O clássico envolve as equipes da Sociedade Esportiva e Recreativa Caxias do Sul, campeã gaúcha de 2000 e o Esporte Clube Juventude, campeão brasileiro da Série B de 1994, campeão gaúcho de 1998 e da Copa do Brasil de 1999, entre muitos outros títulos citadinos e estaduais conquistados por estes dois clubes gaúchos. O Nascimento da Rivalidade (1913 - 1935) O Juventude foi o pioneiro, fundado em 29 de junho de 1913. Durante seus primeiros 20 anos, o clube dominou o cenário local, mas faltava um rival à altura na cidade que gerasse uma polarização real.
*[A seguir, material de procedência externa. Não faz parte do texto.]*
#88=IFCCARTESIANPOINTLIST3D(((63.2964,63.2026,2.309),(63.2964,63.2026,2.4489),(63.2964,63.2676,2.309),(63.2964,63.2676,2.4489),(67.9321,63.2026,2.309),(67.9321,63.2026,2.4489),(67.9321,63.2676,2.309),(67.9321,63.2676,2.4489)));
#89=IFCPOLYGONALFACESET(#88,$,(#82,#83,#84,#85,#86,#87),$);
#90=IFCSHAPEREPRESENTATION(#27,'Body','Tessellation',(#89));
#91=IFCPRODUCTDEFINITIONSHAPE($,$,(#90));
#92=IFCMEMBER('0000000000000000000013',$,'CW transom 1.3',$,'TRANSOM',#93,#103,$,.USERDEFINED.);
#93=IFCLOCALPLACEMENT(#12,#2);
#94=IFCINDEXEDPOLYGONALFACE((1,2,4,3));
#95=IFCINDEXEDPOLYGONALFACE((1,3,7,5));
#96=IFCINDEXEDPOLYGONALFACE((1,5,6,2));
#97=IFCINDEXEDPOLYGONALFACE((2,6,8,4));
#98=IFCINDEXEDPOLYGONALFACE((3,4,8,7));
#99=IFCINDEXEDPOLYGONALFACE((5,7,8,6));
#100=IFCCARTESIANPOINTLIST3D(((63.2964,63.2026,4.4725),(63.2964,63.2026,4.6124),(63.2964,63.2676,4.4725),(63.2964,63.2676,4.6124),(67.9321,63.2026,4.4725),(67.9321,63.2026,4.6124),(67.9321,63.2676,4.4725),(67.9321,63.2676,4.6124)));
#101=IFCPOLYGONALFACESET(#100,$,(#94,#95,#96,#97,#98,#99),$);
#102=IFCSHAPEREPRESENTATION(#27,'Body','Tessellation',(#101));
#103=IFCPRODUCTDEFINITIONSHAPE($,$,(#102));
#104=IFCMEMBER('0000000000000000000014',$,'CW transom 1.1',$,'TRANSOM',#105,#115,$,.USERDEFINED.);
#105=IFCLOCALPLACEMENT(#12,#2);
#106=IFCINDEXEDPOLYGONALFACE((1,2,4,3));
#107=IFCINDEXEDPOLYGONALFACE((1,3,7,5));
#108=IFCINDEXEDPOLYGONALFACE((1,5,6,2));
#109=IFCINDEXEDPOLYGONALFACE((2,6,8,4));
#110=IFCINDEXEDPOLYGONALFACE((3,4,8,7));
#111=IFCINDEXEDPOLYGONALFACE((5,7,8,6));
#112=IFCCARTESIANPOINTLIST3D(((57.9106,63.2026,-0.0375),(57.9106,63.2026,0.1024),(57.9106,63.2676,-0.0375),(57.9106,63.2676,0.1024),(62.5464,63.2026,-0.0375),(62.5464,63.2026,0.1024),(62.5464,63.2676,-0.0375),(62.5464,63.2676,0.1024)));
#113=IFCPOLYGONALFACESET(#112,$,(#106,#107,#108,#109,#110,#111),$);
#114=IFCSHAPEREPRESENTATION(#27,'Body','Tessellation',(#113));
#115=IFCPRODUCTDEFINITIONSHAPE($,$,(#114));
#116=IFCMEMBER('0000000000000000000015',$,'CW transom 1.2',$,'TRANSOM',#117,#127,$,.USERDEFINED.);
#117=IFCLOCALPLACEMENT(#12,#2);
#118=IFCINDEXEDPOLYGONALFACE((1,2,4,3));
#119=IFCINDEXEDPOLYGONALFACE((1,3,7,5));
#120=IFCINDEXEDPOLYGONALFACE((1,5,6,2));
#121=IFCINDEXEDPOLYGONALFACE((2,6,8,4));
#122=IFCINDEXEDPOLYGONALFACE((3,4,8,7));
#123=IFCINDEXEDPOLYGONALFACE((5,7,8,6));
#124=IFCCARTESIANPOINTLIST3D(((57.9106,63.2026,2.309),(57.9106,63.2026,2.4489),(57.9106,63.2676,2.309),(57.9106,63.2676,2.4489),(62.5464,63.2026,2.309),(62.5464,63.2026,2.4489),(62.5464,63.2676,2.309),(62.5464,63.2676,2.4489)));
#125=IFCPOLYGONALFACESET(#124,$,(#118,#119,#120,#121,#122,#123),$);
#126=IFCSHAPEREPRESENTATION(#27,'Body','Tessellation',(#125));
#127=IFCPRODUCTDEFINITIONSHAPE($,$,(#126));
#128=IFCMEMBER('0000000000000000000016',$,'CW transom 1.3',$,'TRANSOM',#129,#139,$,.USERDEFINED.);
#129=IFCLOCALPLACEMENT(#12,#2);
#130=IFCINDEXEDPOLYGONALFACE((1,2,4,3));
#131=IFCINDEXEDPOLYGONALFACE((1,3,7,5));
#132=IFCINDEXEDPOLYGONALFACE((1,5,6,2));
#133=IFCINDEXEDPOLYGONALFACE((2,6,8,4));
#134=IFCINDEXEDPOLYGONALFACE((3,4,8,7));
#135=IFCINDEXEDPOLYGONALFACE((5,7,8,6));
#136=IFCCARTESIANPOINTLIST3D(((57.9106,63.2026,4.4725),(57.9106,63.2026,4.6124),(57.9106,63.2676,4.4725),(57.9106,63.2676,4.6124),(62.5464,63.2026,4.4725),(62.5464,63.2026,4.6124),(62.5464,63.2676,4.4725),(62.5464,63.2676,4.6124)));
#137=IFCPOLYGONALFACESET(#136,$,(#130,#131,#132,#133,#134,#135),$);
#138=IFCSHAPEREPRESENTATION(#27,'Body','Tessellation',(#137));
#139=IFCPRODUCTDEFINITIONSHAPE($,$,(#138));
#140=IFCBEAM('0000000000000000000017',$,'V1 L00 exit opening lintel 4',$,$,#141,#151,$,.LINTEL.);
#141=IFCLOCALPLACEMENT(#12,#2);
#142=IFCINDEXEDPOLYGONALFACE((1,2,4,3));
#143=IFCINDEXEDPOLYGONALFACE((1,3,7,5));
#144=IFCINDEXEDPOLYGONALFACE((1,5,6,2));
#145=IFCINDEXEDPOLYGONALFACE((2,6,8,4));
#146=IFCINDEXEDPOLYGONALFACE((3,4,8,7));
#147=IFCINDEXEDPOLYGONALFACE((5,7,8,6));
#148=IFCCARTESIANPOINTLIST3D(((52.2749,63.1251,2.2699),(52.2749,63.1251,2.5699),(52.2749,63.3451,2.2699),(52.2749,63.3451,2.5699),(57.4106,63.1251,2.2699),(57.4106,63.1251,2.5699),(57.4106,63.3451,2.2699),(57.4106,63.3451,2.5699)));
Essa lacuna foi preenchida em 10 de abril de 1935, quando foi fundado o Grêmio Esportivo Flamengo (que mais tarde viria a ser o Caxias). O Flamengo nasceu da união de dois outros clubes (Ruy Barbosa e Juvenil), com o objetivo explícito de enfrentar a hegemonia do Juventude. O primeiro clássico da história aconteceu em 4 de agosto de 1935, pelo Campeonato da 2ª Região do Rio Grande do Sul. O GE Flamengo venceu por 3 a 1.
Números
O jogo mais recente aconteceu em 21 de janeiro de 2026, pelo Campeonato Gaúcho, com mando do Juventude, terminando em 1x0 para o Juventude. Não aconteceram Ca-Jus em 1944, 1945, 1946, 1960, 1967, 1972, 1973, 1974, 1998, 2002, 2006 e 2007. No ano de 2025, o Juventude quebrou o jejum de 22 anos sem vencer, pelo Campeonato Gaúcho, na casa do rival. Pelo lado do Caxias, no entanto, a estatística é contrária. No ano de 2026 o grená completou 7 anos sem vencer o seu maior rival. O recorde de invencibilidade pertence ao Caxias: 12 Ca-Jus, entre 1981 e 1984, com 7 vitórias e 5 empates. Caxias 5 a 0 Juventude*, em 27 de agosto de 2016, pela Super Copa Gaúcha.
Ca-Ju do Porco
Assim ficou conhecido o Ca-Ju 153. Era o primeiro do que seriam 12 confrontos entre Caxias e Juventude naquele ano. Minutos antes de iniciar a partida, a TOSCA (Torcida Organizada S.E.R. Caxias), principal torcida do Grená, acabou soltando um porco fardado com as cores do Juventude no gramado. Um dos presentes naquele momento era Germano Rigotto. Na época diretor do Departamento de Relações Públicas do Caxias, Rigotto acabou levando a fama pelo episódio, mesmo não estando envolvido na brincadeira. Ele conta como foi a reação da torcida quando o porco entrou no gramado: “Neste Ca-Ju, surgiu dentro da TOSCA a ideia de levar um porquinho para o estádio com a camiseta do Juventude. Eles organizaram isso e levaram ele dentro de um tambor, cheio de papel picado. Um dos membros da torcida cavou um buraco embaixo do muro do alambrado, onde seria a passagem do porco. Cerca de 10 minutos antes de começar o jogo, quando os times estavam para entrar em campo, tiraram ele de dentro do tambor e colocaram embaixo do alambrado.”
O gesto da galinha
O clássico ocorreu em 9 de agosto de 2015, no Estádio Centenário. Ao deixar o campo, o atacante Maílson, do Juventude, que havia atuado pelo Caxias em 2014, passou em frente à torcida grená e fez gestos provocativos, imitando uma galinha ao bater os braços contra o corpo. Na semana seguinte, Maílson e Jô, ambos jogadores do Juventude, saíam de um restaurante durante a noite quando foram surpreendidos por um disparo de arma de fogo que atingiu o veículo de Maílson. Nenhum dos dois ficou ferido. Ao registrar boletim de ocorrência, o atacante afirmou que vinha recebendo ameaças por meio de redes sociais e mensagens de celular nos dias anteriores.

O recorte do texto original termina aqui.